Measle and the Dragodon
- First edition cover
- Author: Ian Ogilvy
- Illustrator: Chris Mould
- Language: English
- Series: Measle Stubbs
- Genre: Children's fantasy
- Publisher: Oxford University Press
- Publication date: 2004
- Publication place: United Kingdom
- Media type: Print
- Pages: 352 pp
- ISBN: 978-0-19-271953-9
- OCLC: 59512793
- Preceded by: Measle and the Wrathmonk
- Followed by: Measle and the Mallockee

= Measle and the Dragodon =

2004 novel by Ian Ogilvy

Measle and the Dragodon is a children's novel written by Ian Ogilvy and illustrated by Chris Mould. It is the second book in the Measle Stubbs series. The novel was first published in 2004 by OUP in the UK and HarperCollins in the US. It was reissued by OUP in 2010 under the title The Funfair of Fear!
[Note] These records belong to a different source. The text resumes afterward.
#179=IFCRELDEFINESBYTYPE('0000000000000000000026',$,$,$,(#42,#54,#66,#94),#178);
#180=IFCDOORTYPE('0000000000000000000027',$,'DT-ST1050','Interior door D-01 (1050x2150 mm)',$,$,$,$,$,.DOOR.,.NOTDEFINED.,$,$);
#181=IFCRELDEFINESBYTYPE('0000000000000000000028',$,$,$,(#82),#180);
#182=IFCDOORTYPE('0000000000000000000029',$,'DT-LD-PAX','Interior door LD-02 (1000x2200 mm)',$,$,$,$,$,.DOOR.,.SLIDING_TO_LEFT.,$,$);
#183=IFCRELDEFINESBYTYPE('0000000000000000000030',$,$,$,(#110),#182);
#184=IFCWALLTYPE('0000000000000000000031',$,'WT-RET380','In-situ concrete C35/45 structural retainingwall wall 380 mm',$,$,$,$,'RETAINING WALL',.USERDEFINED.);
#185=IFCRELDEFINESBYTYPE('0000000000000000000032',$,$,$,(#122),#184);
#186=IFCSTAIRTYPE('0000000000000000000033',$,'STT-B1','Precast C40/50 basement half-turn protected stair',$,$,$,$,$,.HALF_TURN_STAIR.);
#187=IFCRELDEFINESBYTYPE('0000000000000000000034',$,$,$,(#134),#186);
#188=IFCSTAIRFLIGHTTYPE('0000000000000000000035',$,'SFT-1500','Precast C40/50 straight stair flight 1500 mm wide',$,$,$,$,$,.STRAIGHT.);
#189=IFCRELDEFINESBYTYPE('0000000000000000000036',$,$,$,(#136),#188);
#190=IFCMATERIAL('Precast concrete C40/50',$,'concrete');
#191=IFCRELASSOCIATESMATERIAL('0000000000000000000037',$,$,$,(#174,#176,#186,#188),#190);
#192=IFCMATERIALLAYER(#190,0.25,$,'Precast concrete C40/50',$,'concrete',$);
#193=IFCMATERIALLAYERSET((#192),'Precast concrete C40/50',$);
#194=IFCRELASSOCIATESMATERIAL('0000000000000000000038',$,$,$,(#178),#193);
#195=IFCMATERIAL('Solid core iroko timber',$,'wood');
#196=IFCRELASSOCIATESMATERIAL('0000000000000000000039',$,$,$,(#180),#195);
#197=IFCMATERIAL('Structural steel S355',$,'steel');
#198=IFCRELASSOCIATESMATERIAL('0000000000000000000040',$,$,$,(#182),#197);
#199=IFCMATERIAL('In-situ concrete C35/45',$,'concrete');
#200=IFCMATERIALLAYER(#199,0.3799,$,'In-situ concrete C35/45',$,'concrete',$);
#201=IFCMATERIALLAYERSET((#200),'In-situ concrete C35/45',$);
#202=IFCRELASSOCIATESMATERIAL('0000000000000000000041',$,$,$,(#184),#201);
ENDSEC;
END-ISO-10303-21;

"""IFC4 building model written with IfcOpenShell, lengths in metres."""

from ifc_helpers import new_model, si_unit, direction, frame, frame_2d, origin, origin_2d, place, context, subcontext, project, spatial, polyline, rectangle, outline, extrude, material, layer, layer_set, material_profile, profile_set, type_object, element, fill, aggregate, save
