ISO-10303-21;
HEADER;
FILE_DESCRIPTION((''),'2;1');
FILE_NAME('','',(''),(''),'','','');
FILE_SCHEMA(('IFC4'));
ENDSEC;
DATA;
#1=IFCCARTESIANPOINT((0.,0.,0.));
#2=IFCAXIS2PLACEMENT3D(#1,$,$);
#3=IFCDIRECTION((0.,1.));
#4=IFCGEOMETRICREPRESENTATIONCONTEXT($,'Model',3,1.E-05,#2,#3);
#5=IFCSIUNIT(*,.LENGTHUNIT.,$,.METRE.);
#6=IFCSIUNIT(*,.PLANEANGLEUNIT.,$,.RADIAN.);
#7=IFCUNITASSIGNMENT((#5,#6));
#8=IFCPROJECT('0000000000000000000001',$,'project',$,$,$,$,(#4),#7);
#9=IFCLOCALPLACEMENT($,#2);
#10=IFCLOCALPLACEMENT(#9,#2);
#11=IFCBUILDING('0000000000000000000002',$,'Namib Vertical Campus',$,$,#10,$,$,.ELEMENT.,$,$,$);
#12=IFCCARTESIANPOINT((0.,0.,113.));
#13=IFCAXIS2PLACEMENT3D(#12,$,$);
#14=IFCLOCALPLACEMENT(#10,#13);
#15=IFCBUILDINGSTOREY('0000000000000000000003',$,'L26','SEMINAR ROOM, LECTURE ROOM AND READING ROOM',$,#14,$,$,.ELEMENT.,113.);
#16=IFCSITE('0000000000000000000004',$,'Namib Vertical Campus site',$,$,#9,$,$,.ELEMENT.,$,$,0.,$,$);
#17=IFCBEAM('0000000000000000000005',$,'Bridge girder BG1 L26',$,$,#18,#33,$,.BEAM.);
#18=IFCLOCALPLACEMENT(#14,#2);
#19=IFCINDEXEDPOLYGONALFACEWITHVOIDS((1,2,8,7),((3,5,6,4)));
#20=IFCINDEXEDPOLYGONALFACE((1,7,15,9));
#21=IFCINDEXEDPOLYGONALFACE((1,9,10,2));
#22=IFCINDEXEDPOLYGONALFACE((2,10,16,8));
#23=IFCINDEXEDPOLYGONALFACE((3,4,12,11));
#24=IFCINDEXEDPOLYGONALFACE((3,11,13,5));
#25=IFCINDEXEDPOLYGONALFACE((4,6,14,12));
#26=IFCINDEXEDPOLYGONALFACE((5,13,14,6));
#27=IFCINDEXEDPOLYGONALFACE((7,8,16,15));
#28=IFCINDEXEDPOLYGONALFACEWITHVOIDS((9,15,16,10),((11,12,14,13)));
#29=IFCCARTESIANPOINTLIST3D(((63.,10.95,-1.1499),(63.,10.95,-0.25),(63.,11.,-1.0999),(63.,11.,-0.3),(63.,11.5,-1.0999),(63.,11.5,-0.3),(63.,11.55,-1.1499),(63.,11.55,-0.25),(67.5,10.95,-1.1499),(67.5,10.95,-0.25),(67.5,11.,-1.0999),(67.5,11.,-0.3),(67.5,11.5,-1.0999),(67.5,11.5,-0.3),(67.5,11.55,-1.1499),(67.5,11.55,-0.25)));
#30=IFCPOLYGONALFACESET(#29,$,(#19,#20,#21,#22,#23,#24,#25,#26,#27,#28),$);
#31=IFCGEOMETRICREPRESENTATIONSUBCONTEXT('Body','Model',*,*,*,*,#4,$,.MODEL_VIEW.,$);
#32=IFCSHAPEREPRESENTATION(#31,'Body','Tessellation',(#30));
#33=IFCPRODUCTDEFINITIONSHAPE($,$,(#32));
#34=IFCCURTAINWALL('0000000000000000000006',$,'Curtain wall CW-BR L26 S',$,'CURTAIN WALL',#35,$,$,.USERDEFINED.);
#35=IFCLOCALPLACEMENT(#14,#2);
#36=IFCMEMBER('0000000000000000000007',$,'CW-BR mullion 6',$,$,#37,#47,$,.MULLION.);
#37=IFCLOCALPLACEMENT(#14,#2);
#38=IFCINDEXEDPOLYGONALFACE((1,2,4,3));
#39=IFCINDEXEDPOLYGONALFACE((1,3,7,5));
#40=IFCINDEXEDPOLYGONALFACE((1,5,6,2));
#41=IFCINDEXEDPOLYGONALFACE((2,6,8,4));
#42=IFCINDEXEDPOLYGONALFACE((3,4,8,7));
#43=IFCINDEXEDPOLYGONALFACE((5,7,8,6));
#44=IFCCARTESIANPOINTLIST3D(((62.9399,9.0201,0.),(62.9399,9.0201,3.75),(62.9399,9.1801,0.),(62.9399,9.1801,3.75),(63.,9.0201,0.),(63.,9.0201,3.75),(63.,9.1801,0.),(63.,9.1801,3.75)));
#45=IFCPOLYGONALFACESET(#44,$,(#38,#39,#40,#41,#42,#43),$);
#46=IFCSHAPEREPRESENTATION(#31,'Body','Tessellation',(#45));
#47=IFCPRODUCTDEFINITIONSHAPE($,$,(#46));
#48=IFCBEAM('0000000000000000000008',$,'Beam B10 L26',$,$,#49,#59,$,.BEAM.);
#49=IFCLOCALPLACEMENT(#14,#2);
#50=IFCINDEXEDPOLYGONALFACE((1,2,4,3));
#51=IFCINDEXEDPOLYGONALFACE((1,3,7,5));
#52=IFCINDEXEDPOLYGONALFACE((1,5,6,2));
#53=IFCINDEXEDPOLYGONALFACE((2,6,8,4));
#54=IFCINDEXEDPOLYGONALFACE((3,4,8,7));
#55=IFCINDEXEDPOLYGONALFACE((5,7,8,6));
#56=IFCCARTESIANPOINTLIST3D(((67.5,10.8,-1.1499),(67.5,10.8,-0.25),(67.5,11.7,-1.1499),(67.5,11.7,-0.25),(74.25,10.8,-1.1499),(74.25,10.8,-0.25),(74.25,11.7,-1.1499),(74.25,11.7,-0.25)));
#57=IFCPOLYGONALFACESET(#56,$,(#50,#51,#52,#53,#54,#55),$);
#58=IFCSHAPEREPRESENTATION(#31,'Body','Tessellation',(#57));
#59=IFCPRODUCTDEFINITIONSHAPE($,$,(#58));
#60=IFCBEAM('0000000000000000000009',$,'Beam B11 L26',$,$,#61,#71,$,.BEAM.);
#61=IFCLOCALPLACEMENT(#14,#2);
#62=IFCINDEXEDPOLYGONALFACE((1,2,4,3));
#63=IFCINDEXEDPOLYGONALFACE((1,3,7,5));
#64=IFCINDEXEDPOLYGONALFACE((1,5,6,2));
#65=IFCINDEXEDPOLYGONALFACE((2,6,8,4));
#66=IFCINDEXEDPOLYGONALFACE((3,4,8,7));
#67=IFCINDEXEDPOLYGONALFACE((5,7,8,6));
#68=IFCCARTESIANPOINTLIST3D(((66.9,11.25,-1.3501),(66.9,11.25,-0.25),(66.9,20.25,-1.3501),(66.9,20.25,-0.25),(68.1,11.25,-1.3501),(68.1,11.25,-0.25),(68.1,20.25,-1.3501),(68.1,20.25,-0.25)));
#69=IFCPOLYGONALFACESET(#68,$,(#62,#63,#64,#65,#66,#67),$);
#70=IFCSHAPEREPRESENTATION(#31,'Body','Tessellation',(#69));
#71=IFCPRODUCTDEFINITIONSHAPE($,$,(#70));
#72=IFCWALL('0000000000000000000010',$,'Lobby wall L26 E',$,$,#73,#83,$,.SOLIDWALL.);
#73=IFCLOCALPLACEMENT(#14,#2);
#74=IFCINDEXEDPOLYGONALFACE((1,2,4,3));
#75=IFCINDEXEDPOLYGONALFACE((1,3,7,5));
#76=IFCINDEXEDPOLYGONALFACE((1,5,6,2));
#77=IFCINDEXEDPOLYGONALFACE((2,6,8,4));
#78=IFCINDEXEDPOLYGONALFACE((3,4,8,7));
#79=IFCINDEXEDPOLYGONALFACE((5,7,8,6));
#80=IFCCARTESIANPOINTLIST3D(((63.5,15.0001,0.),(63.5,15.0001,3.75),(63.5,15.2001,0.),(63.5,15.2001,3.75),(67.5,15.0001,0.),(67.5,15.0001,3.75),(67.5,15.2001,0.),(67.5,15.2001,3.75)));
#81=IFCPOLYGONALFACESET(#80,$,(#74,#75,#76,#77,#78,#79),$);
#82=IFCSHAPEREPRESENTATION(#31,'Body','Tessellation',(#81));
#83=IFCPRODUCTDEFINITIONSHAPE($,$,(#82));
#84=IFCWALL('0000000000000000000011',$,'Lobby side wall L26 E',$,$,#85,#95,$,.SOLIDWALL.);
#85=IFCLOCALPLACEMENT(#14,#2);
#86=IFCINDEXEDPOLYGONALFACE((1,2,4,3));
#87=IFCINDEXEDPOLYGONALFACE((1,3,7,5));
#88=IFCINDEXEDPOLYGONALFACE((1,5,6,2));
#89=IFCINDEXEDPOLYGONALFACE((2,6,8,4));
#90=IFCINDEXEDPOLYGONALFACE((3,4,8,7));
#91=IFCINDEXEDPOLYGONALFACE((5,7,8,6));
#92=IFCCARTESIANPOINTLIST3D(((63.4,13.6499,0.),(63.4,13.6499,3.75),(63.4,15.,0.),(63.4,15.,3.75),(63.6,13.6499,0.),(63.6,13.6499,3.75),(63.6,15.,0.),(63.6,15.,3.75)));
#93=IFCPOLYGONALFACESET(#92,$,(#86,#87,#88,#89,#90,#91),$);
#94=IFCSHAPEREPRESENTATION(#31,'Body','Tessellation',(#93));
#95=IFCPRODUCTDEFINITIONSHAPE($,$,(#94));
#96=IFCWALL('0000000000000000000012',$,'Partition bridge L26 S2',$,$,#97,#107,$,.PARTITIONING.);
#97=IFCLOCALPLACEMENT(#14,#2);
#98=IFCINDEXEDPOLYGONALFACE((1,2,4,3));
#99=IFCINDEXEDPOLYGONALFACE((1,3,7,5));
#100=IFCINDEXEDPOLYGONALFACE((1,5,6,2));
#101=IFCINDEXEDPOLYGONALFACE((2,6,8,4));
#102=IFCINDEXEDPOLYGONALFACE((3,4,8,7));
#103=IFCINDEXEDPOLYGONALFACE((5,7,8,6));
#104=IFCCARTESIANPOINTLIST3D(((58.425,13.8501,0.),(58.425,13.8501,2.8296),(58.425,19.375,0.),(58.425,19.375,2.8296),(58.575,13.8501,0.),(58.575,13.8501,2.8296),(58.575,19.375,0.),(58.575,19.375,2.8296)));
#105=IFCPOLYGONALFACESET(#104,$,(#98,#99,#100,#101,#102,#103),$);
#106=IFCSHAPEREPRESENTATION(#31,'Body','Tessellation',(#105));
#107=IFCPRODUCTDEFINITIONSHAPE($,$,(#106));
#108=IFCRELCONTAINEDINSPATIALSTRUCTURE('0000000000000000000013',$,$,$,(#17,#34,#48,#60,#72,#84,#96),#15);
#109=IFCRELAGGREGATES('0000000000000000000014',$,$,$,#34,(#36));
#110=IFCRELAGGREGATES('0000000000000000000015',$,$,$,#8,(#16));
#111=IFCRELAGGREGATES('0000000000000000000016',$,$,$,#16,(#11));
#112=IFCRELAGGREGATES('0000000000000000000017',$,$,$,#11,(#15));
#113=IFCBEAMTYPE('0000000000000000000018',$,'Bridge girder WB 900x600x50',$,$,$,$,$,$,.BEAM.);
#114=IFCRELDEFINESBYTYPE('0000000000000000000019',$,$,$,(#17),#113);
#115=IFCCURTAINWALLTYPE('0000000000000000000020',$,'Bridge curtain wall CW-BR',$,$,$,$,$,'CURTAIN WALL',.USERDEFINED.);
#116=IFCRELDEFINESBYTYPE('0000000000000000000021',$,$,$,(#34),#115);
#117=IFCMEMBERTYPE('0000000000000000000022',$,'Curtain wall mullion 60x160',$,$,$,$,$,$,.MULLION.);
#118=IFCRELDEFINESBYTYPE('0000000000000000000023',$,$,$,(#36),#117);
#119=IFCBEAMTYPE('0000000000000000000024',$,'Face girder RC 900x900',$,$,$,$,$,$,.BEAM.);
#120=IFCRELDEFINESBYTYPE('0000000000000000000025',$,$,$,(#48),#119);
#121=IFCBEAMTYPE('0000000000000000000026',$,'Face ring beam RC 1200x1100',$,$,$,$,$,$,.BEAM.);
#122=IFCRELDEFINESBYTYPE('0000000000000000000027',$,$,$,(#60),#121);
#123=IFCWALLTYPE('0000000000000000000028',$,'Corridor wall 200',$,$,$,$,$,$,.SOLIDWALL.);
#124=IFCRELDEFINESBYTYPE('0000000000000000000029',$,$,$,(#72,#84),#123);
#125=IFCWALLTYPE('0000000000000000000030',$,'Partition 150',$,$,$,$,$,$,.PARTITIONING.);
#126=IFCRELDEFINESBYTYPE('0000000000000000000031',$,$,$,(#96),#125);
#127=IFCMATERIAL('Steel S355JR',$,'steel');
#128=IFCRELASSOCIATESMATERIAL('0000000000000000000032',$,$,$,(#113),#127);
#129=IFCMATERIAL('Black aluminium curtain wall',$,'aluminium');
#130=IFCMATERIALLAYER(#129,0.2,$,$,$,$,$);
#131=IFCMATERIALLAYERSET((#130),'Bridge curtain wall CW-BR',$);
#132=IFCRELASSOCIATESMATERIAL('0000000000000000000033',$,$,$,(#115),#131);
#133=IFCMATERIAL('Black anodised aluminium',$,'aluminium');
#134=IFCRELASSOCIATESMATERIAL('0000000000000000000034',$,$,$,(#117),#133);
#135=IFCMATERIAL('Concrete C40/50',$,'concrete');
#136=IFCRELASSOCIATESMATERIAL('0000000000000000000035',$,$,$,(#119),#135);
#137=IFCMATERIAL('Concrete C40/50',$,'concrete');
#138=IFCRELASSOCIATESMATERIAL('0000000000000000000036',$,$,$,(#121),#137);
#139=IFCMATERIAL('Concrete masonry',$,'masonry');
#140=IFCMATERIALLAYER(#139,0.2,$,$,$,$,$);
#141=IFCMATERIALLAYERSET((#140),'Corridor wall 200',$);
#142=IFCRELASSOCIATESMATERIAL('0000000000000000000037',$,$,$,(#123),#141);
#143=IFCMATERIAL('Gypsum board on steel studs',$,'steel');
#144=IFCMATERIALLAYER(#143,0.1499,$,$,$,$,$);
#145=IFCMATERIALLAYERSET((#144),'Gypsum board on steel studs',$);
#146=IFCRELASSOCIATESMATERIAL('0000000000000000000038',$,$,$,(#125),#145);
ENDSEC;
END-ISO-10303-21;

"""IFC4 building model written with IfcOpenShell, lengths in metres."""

from ifc_helpers import new_model, si_unit, direction, frame, frame_2d, origin, origin_2d, place, context, subcontext, project, spatial, rectangle, hollow_rectangle, extrude, material, layer, layer_set, material_profile, profile_set, type_object, element, aggregate, save


model = new_model("IFC4")

# Units and contexts
model_context = context("Model", 3, precision=1e-05, world=origin(), true_north=direction((0.0, 1.0)))
body_context = subcontext(model_context, "Body", "Model", "MODEL_VIEW")
ifc_project = project(units=[si_unit("LENGTHUNIT", "METRE"), si_unit("PLANEANGLEUNIT", "RADIAN")], contexts=[model_context])

# Site, building, storey
site_placement = place(None, origin())
site = spatial("IfcSite", under=ifc_project, at=site_placement, Name="Namib Vertical Campus site", CompositionType="ELEMENT", RefElevation=0.0)
building_placement = place(site_placement, origin())
building = spatial("IfcBuilding", under=site, at=building_placement, Name="Namib Vertical Campus", CompositionType="ELEMENT")
storey_placement = place(building_placement, frame((0.0, 0.0, 113.0)))
storey = spatial("IfcBuildingStorey", under=building, at=storey_placement, Name="L26", Description="SEMINAR ROOM, LECTURE ROOM AND READING ROOM", CompositionType="ELEMENT", Elevation=113.0)

# Beam
ifc_material_1 = material(Name="Steel S355JR", Category="steel")
ifc_material_profile_1 = material_profile(ifc_material_1, hollow_rectangle(XDim=0.6001, YDim=0.8999, WallThickness=0.05, at=origin_2d()))
ifc_profile_set_1 = profile_set([ifc_material_profile_1], Name="Steel S355JR")
beam_type_1 = type_object("IfcBeamType", Name="Bridge girder WB 900x600x50", PredefinedType="BEAM", material=ifc_profile_set_1)
for number, where, z_axis, x_axis, name in (
    (1, (63.0, 11.25, -0.7), (1.0, 0.0, 0.0), (0.0, 1.0, 0.0), "Bridge girder BG1 L26"),
):
    element("IfcBeam", number, at=place(storey_placement, frame(where, z_axis=z_axis, x_axis=x_axis)), inside=storey, type_object=beam_type_1, Name=name, PredefinedType="BEAM", context=body_context, shape_type="SweptSolid", body=[
        extrude(hollow_rectangle(XDim=0.6001, YDim=0.8999, WallThickness=0.05, at=origin_2d()), origin(), (0.0, 0.0, 1.0), 4.5),
    ])

# Curtain wall, member
ifc_material_2 = material(Name="Black aluminium curtain wall", Category="aluminium")
ifc_layer_1 = layer(ifc_material_2, 0.2)
ifc_layer_set_1 = layer_set([ifc_layer_1], Name="Bridge curtain wall CW-BR")
curtain_wall_type = type_object("IfcCurtainWallType", Name="Bridge curtain wall CW-BR", ElementType="CURTAIN WALL", PredefinedType="USERDEFINED", material=ifc_layer_set_1)
curtain_wall_placement = place(storey_placement, origin())
curtain_wall = element("IfcCurtainWall", 2, at=curtain_wall_placement, inside=storey, type_object=curtain_wall_type, Name="Curtain wall CW-BR L26 S", ObjectType="CURTAIN WALL", PredefinedType="USERDEFINED")
ifc_material_3 = material(Name="Black anodised aluminium", Category="aluminium")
The author describes the setting as "a deserted theme park at night in the pouring rain. It’s very spooky and creepy and Measle’s running around in the dark in this enormous great theme park dodging these seven Wrathmonks."

==Plot summary==
The novel is about a boy called Measle who has been recently reunited with his parents, Sam and Lee Stubbs. On a day out they visit the Isle of Smiles, a theme park, and from then on things take a turn for the worse. Lee is captured by wrathmonks (warlocks that have gone mad) and taken to the Isle of Smiles. Sam has his memory wiped, and Measle and his dog, Tinker, are left to their own devices to find and rescue their parents. Once Measle reaches the Isle of Smiles, the wrathmonks cast a spell that causes all the creatures in the theme park to come alive and attempt to kill him. After he has successfully run away from the creatures, the wrathmonks catch him and want to kill him, but their leader, a dragodon, orders them to take him to a ride which leads into the dragon's lair. After a fight with the dragon and the dragodon, Measle and his mother escape and get back to their house where after a short fight the wrathmonks are defeated.

==Characters==
- Measle Stubbs/Sam Lee Stubbs - The main character in the book. A thin 10-year-old boy with a funny haircut. His nickname 'Measle' is an anagram of his actual name Sam Lee, invented by his former guardian, Basil Tramplebone.
- Tinker - Measle's dog, who has helped him on a number of occasions.
- The Dragodon - Ancient rider of the dragons, the last one left.
- Arcturion - A dragon who was trapped in the Isle of Smiles for many years after being injured in a battle.
- Sam Stubbs - Measle's dad. He is also a wizard, although not an incredibly powerful one.
- Lee Stubbs - Measle's mom. She is a manafount, which means that she, although unable to do spells herself, has an unlimited supply of mana which is what magicians use to cast spells. This mana can be tapped into either by her husband holding hands with her or by her being eaten.
- Griswold Gristle - In the first book he was Basil's bank manager, a short wrathmonk.